Sirani principally produced religious subjects. Even within the context of her painted production her single most popular most frequently repeated subject either includes or exclusively represents the Virgin and Child. And she shows the virgin and child interacting in a variety of ways. Sometimes the Christ child is crowning Mary as the Queen of Heaven. Sometimes as in your etching he is nursing so it is a more intimate mother-child connection. Sometimes they are interacting more playfully. Sometimes Mary is worshipping the Christ Child. So this is a subject she thought quite a lot about and one might be tempted to hypothesize that as a woman she was sensitive to the mother-child relationship.
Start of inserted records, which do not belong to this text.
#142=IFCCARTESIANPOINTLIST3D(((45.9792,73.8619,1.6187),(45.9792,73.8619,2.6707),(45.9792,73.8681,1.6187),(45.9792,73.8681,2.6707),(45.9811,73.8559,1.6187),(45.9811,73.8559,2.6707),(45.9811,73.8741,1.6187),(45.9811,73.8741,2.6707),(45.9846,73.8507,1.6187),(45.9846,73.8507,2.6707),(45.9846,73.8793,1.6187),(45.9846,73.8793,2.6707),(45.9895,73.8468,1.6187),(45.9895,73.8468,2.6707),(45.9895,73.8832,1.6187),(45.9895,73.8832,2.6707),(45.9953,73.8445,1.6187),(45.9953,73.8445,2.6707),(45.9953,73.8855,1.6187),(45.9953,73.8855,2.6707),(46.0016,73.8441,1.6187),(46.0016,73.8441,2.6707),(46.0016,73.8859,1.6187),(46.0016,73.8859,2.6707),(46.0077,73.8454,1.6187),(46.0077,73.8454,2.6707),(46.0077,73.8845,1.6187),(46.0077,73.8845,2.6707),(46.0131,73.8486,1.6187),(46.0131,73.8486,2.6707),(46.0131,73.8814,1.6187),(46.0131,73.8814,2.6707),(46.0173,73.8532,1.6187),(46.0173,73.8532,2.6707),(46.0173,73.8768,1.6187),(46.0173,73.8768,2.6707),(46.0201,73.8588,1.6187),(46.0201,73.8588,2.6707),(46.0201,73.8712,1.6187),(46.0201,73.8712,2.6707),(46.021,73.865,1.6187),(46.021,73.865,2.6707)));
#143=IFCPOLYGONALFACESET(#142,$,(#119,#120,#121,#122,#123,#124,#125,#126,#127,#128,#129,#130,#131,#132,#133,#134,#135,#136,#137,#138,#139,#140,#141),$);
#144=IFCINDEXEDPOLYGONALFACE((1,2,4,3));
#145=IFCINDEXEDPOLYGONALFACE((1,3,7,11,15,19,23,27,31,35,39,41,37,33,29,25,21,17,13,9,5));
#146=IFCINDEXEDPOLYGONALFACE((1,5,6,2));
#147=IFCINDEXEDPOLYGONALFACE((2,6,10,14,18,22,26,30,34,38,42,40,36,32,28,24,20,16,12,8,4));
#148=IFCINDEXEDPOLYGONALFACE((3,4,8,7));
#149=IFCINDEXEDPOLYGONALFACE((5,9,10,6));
But she herself had no children, never married and in fact died quite young at the age of twenty-seven, so I think we have to be careful about hypothesizing too much based on the artist’s gender, but certainly this was a favorite subject of hers and I think many of them are notable for the intimacy in the ways they portray the interactions of the Virgin Mary with her infant child.
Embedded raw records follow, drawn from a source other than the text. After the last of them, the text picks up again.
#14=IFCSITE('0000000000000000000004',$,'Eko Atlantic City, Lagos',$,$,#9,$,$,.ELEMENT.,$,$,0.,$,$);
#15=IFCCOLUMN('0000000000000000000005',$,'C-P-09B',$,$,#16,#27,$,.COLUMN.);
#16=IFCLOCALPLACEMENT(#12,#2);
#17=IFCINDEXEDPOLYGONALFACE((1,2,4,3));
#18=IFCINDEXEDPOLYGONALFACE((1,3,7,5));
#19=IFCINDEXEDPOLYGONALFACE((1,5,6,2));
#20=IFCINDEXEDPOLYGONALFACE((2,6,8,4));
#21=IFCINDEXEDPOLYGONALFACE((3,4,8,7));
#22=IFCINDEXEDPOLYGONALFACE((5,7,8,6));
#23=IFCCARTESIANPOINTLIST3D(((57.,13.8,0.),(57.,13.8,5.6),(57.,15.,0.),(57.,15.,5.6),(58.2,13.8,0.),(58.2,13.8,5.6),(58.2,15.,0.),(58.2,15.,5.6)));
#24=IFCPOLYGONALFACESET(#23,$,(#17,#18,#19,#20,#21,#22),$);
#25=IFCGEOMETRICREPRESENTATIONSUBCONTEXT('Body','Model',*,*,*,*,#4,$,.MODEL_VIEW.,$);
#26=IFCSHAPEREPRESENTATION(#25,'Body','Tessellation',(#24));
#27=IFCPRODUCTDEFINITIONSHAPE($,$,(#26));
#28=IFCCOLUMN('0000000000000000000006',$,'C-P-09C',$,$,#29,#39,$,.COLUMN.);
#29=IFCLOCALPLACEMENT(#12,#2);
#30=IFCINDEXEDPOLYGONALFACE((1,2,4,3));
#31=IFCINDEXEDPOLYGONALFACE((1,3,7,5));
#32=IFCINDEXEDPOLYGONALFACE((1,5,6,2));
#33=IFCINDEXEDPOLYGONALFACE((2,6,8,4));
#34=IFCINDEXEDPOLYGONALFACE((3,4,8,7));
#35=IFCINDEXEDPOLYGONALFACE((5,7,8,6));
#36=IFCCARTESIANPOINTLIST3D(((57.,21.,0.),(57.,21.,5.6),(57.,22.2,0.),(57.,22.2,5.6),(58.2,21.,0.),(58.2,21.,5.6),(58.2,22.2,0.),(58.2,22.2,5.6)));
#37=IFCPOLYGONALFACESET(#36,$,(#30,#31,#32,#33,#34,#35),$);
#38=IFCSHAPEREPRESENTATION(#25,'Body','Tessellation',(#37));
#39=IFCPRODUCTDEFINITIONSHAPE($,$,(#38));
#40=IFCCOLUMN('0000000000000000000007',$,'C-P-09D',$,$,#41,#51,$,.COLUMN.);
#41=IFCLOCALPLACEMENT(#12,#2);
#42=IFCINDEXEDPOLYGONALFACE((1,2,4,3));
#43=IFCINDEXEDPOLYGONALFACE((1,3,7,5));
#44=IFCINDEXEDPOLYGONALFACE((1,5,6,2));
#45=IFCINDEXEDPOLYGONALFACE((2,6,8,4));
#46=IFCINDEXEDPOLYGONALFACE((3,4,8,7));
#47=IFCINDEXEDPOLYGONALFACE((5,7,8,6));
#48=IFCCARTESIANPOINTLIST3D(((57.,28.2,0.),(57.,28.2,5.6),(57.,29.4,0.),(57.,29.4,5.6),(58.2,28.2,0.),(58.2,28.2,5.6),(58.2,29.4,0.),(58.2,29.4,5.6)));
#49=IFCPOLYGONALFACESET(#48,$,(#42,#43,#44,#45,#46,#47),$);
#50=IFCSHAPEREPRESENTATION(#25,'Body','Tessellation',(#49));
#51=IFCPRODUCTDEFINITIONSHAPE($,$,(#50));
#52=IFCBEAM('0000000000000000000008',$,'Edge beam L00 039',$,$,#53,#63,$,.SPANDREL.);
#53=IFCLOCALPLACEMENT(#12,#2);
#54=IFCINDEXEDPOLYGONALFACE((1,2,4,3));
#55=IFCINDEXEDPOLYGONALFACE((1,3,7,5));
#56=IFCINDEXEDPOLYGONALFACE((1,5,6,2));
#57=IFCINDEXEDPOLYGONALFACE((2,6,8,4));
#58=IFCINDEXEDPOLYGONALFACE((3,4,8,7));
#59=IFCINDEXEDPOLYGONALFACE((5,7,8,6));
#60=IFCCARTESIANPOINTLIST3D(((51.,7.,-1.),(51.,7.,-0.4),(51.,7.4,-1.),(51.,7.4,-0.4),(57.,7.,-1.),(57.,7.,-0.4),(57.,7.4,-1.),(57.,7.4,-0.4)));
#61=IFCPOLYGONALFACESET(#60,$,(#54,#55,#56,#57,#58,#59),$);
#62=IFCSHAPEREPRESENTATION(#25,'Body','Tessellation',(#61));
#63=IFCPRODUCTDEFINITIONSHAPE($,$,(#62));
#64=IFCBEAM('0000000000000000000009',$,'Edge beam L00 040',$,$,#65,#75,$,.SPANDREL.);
Etching was a relatively new art form so it is not surprising that we don’t have loads of Italian women who were active as etchers before Sirani. In the sixteenth century there are some earlier Italian printmakers, Isabella Parasole and Geronima Parasole for example were both woodcutters and Diana Mantuana is active also in the sixteenth century and she works as an engraver. But women begin to produce etchings on the historical record as far as we know only in the seventeenth century and so Sirani is one of the earliest. I do think it is noteworthy that in Bologna itself Sirani’s example creates a precedent and she is succeeded by a number of women who are active as etchers in the later seventeenth century and in the eighteenth century.

Women artists in Bologna are recorded beginning in the fifteenth century and there are a growing number of women artists whose names and to some extent careers I was able to track down in the course of working on my book so today I can point to some 68 women artists, which makes Bologna by a considerable margin the number one Italian center for women artists.

Bologna is a really interesting city in a lot of ways. The churches of Bologna are effectively redecorated in the course of the later sixteenth and early seventeenth centuries so it provided a location that was really full of opportunities for all artists male and female during that period. I think another key factor in Bologna is that it was filled with dozens of noble families and quite a wealthy and prosperous merchant and banking class and fascinatingly lots of people from what today we might call the lower middle class up were commissioning and collecting artworks. So, in terms of Sirani, her most original conceptions in my view were typically produced for merchants and bankers and fishmongers and jewelers rather than for noble patrons and perhaps she felt freer to think out of the box while working for sympathetic patrons who were perhaps a little less wedded to traditional approaches. So, it was a pretty exciting place to be as a woman artist and Sirani’s very successful example paved the way as I already mentioned in some measure for literally dozens of painters, many of whom like Sirani enjoyed successful public careers. So really success breeds success I guess we might say and Sirani’s success opened lots of doors for other women artists to follow her exciting example.